I don't see any changes to the pages of the books that the bookmarklet found in Google so I don't know what difference finding the books in Google Books makes to my catalog in Librarything. I'm sure it's pretty obvious but I just don't get it...

9/17/2007 5:08 PM  
Anonymous Anonymous said...

So how do we slice the results by reliability? I want to double-check all the found but not exact edition results...

9/17/2007 5:23 PM  
Blogger Mark Barnes said...

If you're wondering how all this data helps, go to your Library and edit your display files. You can change one of the columns to Google Book Search, which then gives you access to the Google page where appropriate. I guess eventually this link will make its way to other places, but for the moment that seems to be it.

PS - Midway through my reasonably-sized library, Google asked me to confirm I was a human-being by typing in a CAPTCHA. Carried on happily afterwards, though.

9/17/2007 5:33 PM  
Anonymous Anonymous said...

So cool!
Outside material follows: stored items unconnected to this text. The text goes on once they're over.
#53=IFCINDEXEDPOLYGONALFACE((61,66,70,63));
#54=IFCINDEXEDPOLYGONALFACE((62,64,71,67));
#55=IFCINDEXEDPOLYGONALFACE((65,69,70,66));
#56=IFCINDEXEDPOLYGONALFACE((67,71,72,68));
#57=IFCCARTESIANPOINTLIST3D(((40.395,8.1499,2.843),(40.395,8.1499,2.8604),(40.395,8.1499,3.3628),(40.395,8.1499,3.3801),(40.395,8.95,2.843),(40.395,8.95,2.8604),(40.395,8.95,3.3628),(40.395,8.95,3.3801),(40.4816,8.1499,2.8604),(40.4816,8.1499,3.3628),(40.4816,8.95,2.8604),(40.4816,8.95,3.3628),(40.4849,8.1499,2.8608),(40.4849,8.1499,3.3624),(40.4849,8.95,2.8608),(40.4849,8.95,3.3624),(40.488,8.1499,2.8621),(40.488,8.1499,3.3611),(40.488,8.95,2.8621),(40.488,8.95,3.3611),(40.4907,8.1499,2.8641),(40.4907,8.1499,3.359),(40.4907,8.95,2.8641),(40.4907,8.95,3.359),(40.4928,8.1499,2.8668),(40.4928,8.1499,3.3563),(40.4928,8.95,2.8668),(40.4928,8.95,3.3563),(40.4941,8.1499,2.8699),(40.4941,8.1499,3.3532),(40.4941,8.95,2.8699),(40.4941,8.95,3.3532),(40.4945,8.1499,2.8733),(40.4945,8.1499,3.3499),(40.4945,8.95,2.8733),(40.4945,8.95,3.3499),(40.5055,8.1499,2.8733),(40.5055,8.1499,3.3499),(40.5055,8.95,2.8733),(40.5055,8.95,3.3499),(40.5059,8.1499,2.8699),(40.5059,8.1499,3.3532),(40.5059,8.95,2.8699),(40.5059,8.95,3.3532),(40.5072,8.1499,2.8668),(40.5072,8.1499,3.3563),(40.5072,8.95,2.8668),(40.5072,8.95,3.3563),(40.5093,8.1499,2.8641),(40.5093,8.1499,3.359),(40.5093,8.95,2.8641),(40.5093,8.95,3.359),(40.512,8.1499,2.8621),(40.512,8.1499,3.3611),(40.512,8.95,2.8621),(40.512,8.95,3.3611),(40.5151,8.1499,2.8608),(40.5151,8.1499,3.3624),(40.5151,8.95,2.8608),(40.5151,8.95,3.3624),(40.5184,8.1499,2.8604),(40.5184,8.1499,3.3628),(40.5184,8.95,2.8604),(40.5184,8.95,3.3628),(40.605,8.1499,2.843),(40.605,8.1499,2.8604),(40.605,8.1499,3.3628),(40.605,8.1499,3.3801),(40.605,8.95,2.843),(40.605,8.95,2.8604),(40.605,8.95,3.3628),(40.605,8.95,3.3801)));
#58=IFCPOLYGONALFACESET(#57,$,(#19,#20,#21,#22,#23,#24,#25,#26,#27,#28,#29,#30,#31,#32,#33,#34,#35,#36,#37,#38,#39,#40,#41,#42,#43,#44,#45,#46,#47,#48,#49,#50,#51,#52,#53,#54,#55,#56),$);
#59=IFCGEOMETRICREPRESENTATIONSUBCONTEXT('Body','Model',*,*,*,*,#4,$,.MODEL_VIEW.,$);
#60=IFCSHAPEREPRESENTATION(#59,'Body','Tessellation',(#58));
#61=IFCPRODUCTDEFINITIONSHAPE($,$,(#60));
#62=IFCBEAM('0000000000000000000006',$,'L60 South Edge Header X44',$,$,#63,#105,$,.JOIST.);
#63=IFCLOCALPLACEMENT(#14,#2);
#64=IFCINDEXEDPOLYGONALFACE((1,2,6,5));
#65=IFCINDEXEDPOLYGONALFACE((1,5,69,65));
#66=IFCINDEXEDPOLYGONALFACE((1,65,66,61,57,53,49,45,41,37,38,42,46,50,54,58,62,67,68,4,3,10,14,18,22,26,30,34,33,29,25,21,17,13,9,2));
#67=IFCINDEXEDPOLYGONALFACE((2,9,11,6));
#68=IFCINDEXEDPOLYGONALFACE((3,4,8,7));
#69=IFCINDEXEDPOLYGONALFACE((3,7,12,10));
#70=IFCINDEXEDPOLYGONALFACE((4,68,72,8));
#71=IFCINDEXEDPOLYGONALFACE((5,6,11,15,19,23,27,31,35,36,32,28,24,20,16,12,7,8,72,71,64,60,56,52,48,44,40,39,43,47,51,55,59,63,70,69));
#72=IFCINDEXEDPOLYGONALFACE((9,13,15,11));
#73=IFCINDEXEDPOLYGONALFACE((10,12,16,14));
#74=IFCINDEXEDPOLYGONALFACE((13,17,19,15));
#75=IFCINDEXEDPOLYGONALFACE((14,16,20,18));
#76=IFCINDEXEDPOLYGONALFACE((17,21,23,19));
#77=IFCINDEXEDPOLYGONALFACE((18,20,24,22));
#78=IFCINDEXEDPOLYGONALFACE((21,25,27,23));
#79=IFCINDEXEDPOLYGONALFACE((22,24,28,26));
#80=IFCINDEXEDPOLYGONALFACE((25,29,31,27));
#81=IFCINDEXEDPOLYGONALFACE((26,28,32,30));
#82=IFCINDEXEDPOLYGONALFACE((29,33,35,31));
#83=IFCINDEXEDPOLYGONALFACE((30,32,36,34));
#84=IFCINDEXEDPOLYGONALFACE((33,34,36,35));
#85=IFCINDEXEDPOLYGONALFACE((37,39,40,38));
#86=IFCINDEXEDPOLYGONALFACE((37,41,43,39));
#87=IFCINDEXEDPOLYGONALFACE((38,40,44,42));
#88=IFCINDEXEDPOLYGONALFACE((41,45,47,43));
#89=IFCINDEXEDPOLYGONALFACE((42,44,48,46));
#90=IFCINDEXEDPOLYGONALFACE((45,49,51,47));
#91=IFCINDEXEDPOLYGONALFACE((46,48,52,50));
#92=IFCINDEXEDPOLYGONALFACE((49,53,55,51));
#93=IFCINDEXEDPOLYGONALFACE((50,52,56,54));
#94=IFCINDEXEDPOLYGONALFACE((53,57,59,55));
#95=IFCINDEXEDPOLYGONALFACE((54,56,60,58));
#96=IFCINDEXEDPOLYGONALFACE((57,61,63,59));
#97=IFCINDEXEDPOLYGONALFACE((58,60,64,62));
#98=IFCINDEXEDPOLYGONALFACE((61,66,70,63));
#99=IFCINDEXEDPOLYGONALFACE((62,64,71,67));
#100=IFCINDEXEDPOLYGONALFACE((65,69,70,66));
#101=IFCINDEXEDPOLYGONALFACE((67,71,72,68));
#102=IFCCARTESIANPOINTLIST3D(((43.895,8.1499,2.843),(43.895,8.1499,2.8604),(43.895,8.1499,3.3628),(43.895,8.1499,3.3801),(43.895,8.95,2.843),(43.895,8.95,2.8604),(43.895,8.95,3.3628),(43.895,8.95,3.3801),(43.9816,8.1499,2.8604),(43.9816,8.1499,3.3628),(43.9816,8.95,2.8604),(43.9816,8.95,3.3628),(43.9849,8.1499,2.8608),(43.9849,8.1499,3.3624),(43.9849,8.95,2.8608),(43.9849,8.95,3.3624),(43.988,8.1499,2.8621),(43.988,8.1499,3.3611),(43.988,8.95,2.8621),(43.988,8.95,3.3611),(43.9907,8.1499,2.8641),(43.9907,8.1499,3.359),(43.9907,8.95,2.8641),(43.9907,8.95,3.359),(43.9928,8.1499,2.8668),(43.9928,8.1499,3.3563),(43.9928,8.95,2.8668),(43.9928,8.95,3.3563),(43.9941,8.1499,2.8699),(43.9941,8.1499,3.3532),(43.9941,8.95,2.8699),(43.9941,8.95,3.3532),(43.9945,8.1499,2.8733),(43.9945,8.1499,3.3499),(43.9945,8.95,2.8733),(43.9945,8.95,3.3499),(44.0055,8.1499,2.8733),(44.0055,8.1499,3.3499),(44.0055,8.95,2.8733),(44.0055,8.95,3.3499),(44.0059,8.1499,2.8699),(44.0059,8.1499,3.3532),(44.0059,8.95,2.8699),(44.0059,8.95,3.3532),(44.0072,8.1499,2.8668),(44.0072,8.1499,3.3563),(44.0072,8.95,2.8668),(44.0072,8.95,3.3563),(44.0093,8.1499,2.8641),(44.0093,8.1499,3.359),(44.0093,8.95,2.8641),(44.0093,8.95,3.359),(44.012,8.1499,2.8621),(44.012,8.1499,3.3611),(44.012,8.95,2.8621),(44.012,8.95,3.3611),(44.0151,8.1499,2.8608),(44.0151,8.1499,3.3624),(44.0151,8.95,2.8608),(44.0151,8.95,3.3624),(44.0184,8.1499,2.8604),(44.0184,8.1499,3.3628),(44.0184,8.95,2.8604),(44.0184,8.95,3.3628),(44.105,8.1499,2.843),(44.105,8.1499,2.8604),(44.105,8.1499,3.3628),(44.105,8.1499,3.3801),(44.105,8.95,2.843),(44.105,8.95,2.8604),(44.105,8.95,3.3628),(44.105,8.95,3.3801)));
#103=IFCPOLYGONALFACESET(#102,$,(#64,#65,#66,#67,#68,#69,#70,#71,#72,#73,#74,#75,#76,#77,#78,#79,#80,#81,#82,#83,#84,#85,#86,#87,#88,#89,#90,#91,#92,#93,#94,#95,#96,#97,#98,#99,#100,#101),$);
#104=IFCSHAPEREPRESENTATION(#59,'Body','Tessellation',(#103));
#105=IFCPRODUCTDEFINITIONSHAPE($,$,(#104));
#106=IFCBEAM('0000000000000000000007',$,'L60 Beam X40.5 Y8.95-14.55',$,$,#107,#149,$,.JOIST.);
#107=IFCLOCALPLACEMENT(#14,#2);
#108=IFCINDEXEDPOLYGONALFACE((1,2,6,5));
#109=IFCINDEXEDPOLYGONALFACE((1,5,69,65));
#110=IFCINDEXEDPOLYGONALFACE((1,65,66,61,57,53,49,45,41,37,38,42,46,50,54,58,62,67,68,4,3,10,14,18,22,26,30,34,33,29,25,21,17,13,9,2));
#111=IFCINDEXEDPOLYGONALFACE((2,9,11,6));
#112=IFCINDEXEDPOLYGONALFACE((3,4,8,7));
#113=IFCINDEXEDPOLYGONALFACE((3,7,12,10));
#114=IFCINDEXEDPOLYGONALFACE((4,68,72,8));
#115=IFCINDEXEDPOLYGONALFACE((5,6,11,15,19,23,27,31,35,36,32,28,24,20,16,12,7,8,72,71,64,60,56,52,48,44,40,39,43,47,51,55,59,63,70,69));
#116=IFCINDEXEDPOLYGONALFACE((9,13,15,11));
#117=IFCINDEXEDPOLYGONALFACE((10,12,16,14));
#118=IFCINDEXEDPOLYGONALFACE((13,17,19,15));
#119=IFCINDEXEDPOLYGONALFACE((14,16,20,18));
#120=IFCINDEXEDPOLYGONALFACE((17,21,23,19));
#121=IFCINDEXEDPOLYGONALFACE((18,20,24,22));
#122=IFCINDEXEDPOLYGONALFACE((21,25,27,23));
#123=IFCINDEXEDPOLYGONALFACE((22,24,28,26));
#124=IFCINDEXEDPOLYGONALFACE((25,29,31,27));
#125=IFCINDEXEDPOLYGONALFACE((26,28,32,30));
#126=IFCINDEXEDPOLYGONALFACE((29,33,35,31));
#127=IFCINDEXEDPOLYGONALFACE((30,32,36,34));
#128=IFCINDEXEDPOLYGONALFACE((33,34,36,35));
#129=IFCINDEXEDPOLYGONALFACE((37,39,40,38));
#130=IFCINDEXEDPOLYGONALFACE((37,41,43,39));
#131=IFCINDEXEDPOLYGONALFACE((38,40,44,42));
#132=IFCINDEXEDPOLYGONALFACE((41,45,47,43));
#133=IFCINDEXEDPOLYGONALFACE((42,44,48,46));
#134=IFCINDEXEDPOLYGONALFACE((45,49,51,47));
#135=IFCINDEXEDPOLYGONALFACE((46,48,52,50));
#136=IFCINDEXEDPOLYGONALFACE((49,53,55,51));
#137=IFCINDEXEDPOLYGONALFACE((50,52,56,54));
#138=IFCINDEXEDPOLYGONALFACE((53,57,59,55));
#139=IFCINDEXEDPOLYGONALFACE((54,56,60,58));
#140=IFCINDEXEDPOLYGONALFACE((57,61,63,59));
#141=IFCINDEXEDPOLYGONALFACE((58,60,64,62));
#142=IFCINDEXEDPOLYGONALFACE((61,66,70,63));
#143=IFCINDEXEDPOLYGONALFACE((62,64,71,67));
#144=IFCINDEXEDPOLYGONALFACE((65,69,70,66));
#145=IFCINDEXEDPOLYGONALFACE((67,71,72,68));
Changed my default catalogue view, to enjoy the prettiness that is Google.

9/17/2007 6:08 PM  
Blogger Cathy said...

I'm using IE7 and having the same problem as squeakychu - it doesn't recognize that I'm logged in to LT. I left it running (on other's books) while I was gone for the day and it appears that it stopped after three or four hours.

9/17/2007 6:11 PM  
Blogger Rob Szarka said...

I second the motion to add sorting by level of confidence. I saw one go by marked "likely right" that was dead wrong, but then had a devil of a time finding it on the results page to correct it.
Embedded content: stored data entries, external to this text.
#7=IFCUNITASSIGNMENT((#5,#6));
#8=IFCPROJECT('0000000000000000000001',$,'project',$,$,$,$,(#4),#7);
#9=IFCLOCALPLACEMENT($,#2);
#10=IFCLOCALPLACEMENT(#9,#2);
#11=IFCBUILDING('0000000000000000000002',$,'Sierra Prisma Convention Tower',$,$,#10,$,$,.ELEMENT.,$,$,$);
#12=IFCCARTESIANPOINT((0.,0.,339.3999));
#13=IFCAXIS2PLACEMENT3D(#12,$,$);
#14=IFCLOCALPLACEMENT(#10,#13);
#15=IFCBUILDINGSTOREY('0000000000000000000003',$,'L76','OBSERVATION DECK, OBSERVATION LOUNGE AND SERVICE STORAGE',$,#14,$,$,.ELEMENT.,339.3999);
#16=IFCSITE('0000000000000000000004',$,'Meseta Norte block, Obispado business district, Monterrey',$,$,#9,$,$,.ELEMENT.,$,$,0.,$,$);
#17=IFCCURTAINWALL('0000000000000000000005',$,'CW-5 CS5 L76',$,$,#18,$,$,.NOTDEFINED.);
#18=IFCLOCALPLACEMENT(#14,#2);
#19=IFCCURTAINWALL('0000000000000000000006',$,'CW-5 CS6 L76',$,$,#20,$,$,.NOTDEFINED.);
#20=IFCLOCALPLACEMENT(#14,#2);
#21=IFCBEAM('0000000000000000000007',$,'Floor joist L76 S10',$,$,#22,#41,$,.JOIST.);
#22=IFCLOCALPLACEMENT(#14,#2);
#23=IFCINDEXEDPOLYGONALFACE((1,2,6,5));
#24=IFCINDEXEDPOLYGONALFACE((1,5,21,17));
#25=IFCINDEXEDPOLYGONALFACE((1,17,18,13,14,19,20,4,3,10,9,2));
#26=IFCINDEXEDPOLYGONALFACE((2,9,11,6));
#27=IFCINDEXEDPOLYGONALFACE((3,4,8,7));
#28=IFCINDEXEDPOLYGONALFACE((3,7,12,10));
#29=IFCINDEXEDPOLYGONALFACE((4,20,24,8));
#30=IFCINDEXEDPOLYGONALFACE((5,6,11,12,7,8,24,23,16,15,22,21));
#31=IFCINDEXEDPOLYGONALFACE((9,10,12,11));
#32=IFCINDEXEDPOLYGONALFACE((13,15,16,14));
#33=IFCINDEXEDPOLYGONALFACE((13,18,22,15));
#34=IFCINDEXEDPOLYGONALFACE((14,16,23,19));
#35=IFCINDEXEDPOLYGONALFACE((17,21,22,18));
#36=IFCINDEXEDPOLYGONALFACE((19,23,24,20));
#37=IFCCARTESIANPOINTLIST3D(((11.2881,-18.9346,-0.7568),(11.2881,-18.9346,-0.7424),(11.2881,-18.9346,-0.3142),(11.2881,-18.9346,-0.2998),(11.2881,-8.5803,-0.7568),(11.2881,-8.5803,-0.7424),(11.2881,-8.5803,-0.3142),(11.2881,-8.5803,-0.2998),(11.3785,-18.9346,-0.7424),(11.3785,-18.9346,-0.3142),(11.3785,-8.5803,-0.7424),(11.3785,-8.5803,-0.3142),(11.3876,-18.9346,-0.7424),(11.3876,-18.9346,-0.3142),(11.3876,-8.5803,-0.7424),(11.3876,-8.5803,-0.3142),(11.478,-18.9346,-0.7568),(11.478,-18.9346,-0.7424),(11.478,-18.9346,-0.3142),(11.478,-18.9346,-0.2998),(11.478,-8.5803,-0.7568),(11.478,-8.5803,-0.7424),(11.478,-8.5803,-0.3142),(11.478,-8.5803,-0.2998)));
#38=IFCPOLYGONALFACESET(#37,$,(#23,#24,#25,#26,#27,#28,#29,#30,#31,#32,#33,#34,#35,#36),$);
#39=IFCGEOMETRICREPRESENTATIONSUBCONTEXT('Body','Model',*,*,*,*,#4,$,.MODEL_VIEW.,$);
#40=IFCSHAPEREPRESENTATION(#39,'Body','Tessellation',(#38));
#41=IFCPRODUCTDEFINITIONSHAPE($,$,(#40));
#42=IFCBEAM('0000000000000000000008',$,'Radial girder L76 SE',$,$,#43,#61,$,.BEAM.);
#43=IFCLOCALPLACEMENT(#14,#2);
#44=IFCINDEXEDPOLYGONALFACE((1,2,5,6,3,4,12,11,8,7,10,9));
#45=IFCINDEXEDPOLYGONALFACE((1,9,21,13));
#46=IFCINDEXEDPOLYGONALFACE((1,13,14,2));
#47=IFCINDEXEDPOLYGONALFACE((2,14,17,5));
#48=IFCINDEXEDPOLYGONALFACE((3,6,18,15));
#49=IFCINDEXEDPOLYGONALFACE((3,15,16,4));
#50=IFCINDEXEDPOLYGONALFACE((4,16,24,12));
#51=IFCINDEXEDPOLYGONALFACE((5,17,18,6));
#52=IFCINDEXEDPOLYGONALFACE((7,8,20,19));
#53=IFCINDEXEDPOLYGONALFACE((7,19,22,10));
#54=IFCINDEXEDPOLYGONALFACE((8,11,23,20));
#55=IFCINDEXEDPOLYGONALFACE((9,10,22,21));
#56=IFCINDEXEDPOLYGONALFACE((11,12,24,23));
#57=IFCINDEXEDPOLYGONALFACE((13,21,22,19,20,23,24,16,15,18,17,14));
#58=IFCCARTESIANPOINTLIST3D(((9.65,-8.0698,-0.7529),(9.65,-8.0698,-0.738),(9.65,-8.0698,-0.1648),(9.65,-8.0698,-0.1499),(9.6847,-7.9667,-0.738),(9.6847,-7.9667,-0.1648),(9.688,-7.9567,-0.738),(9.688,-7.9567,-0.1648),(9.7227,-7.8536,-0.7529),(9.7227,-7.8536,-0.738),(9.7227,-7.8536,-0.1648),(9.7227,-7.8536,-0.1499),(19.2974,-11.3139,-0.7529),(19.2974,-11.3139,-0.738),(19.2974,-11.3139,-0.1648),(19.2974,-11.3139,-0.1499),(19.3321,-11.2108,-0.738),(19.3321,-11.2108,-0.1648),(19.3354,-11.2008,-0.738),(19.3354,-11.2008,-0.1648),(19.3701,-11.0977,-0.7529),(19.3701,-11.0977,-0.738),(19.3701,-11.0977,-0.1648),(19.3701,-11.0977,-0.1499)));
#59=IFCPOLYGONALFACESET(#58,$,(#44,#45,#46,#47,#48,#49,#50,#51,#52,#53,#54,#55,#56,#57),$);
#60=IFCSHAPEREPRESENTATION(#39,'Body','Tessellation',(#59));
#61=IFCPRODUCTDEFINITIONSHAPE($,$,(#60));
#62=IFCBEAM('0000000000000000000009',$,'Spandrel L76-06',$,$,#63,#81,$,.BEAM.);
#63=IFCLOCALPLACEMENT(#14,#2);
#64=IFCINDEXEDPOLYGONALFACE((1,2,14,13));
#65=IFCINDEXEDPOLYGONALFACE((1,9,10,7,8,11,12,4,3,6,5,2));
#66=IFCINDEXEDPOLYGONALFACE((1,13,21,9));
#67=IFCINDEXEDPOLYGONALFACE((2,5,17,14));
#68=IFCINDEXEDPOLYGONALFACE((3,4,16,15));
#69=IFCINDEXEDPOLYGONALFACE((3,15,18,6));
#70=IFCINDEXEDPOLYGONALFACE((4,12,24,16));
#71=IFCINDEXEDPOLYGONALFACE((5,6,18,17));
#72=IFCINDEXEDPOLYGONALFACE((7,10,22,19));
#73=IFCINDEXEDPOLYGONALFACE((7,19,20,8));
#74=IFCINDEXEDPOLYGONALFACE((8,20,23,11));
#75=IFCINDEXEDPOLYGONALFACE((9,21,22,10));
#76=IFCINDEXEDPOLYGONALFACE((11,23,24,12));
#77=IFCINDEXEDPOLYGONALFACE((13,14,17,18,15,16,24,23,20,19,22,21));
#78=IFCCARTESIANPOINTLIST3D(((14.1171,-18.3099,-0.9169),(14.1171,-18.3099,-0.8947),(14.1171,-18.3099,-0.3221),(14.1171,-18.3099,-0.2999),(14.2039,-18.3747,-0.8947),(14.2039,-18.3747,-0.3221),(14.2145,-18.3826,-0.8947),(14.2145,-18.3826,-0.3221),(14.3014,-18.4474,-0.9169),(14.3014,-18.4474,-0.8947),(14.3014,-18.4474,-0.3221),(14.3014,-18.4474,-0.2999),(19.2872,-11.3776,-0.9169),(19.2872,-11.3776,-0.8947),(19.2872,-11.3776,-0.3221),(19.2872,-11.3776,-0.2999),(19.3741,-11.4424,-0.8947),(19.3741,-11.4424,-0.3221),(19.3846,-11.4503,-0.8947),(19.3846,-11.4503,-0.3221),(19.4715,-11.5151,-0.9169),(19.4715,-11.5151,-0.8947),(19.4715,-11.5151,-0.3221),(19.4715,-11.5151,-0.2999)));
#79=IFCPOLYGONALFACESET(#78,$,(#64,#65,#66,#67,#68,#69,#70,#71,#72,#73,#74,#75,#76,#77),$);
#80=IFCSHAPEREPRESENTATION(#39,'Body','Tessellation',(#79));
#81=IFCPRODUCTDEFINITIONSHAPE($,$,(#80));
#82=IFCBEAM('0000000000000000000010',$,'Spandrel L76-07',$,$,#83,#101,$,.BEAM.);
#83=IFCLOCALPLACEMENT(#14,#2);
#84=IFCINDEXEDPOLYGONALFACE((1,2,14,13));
(For the record, the work was "A Dictionary of Symbols", which got matched to "Higher Education in a Changing Canada: = L'enseignement Supérieur Dans Un ..."!)

I've done over 1500 books so far, no CAPTCHA.

9/17/2007 7:51 PM  
Blogger Rob Szarka said...

Argh! Better yet, let me display all my results on one page. I just gave up paging through my 2000+ books to find the misidentified match for "The Origin of Species" and correct it... sfzjuc

9/17/2007 8:21 PM  
Blogger Rob Szarka said...

Argh! I'm finding more and more mismatched works and the frustrating thing is that right now it's much harder to get bad data out than it is to put it in.. :(

(And darned if I can see how some of these bad matches happened...)
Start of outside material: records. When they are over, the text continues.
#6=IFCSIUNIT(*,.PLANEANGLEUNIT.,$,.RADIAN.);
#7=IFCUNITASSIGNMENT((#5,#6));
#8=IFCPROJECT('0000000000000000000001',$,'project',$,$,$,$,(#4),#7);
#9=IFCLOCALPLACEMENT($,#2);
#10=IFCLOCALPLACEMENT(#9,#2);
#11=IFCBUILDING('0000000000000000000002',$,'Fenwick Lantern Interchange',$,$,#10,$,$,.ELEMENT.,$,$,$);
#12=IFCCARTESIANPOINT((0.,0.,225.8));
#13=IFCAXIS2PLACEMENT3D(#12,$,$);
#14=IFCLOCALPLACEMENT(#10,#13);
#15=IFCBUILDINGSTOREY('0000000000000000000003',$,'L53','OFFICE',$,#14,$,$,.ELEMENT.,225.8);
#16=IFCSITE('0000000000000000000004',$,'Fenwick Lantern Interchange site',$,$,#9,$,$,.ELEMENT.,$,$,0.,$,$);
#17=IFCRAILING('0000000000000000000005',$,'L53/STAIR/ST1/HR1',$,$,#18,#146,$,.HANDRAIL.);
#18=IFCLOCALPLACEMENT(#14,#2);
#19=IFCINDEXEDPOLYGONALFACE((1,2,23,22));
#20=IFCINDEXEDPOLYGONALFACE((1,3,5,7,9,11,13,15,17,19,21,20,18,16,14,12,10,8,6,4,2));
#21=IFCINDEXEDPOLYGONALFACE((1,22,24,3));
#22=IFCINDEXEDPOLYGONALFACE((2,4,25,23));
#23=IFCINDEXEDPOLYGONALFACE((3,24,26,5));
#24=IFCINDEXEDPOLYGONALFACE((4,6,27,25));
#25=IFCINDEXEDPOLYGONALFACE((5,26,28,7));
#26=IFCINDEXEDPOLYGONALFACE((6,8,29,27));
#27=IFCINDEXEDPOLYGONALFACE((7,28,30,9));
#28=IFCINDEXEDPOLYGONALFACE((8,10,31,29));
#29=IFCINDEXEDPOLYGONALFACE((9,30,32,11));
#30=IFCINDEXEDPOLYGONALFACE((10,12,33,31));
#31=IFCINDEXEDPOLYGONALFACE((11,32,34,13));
On the plus side, I've found several cases where my the matched edition of a work is "limited preview" but there's another edition with a full view. :)

9/17/2007 8:51 PM  
Blogger Jonathan K. Cohen said...

Is there any kind of debugging data I can provide to help solve my problem posed above -- i.e., that the error message "Google Book Search Search only works on Google Book Search: http://books.google.com" appears even when I'm on the Google Book Search page? I'd really like to get this running. FF 2.0.0.6, Windows XP SP 2.

9/17/2007 9:53 PM  
Blogger Tim said...

Jonathan,

It relied on the "referrer" (or referer, in HTTP-speak) being books.google.com. I'm guessing your browser security settings were set to avoid sending that.

I've taken the referrer protection off. This means that some users will try to use it on Disney.com and wonder why it doesn't work. Oh well.

T

9/17/2007 10:08 PM  
Blogger Murray said...

In the blog post, the text "Then you got to [[Google Book Search]] and you click it." actually links to the wikipedia article on bookmarklets instead of to Google Book Search.

9/18/2007 4:07 AM  
Anonymous Anonymous said...

The bookmarklet assumes you are logged in at www.librarything.com, it does not check the international sites.

9/18/2007 6:06 AM  
Blogger Keir Hardie said...

interesting - it's a bit overconfident on some 'likely right's though - is it looking for the work name rather than the book name? That will cause some spurious 'exact edition's.

9/18/2007 7:36 AM  
Blogger Keir Hardie said...

oh, and I don't think the difference between 'likely' and 'probably' is clear!